4 November 2018

China’s Belt & Road Initiatives – Implications for Sea Power


The ledger of power is subject to double-entry bookkeeping
A few thoughts

1. Fundamental weaknesses in the conceptualisation of China’s external relations, especially President Xi Jinping’s Belt & Road Initiative, suggest that growth of Chinese maritime and sea power in our region will fluctuate over time.
Firstly, established and aspiring powers will find greater reason to cooperate, and align against China. Note the relative fates of Quad 2008 and Quad 2018.
Secondly, nationalist backlash from countries inside China’s bandwagon. Post-Hambantota, Zambia and Tajikistan even Pakistan is worried. History tells us that power projection precedes understanding; so is it with China.
Reversal of Deng’s formula – stable & institutionalised party rule, high economic growth and greater openness to the world – is taking China Maowards.
Trade war will hurt the bases of Chinese growth. The countries that China is spending money on as part of BRI won’t be able to substitute the US as an economic partner. Quite the contrary.


2. The trajectory of Chinese sea power is moving from securing dominance along its shores and where it has maritime territorial disputes to trans-oceanic power projection. However, given the weakness of China’s international model, a modern navy is assuming post-modernist roles with a flawed blueprint.

It will well and good to accumulate sea power to defend your shores and assert your national interest in territorial disputes. It’s quite another thing to maintain a trans-oceanic power profile.

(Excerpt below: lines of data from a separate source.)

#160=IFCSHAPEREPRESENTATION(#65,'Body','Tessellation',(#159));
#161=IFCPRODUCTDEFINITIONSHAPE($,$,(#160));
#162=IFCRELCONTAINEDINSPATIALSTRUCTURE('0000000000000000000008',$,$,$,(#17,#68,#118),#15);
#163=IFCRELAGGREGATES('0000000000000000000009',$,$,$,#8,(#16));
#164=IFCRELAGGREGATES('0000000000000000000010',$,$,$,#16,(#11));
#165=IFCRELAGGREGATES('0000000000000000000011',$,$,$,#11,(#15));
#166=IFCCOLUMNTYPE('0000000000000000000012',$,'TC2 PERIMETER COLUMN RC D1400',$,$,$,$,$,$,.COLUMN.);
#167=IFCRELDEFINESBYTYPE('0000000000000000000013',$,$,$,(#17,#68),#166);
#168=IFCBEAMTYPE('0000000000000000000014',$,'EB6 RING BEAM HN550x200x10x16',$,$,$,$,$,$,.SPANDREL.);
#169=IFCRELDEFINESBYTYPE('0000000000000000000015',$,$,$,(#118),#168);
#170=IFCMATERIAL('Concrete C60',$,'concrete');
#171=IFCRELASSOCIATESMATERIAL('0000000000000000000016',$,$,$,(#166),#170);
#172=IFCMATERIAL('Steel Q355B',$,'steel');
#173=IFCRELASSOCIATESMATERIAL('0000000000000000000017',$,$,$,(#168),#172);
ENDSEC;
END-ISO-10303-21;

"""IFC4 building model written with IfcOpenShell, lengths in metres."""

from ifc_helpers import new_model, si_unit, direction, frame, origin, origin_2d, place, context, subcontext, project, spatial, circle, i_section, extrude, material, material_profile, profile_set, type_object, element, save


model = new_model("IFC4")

The British Navy and the US Navy didn’t merely protect their immediate national interests, but rather an international system that enabled globalisation.
It is unclear what China’s “big story” is. Replacing the. existing world order with a Chinese model does not appeal to anyone outside China.
The norms are not particularly attractive: replace multiple sovereignty and sovereign equality with a imperial tributary system; replace free trade with a discretionary system of exchanging tribute; replace equality of all human beings with the superiority of one race and culture
This restricts China’s maritime and sea power growth

3. The Ledger of Power is subject to double-entry book-keeping
Given the geography, Chinese ships will be a long way from home in the IOR; to supply these ships it needs friendly ports; these friendly ports need to be connected over land; connection over land involves involvement in politics. All these create vulnerabilities. Gwadar as an example.
Each item that creates strength also creates vulnerability.

4. India’s Response
Every great power tries to dazzle the audience – Chengiz Khan’s hordes deliberately created an image of being mass murderers to get his target cities to submit without too much violence. We should not be dazzled. Nor should we be complacent.
We must project power East of Singapore, for many reasons: to show to the region’s people that there are options; and to have the capacity to manage China’s power in our own neighbourhood
Cooperation with the US, Japan, Australia, Vietnam and Indonesia is necessary; Quad is good idea; but always keep in mind we’re the only country that shares a long land boundary with China.
Our goal is not confrontation or enmity with China, but a stable order that allows trade, economy, culture and people to flourish.
Ultimately, the answer to OBOR is MBMR. The Indian model is one of openness and pluralism. We shouldn’t lose sight of this. In the years to come, a lot of countries will find it more attractive.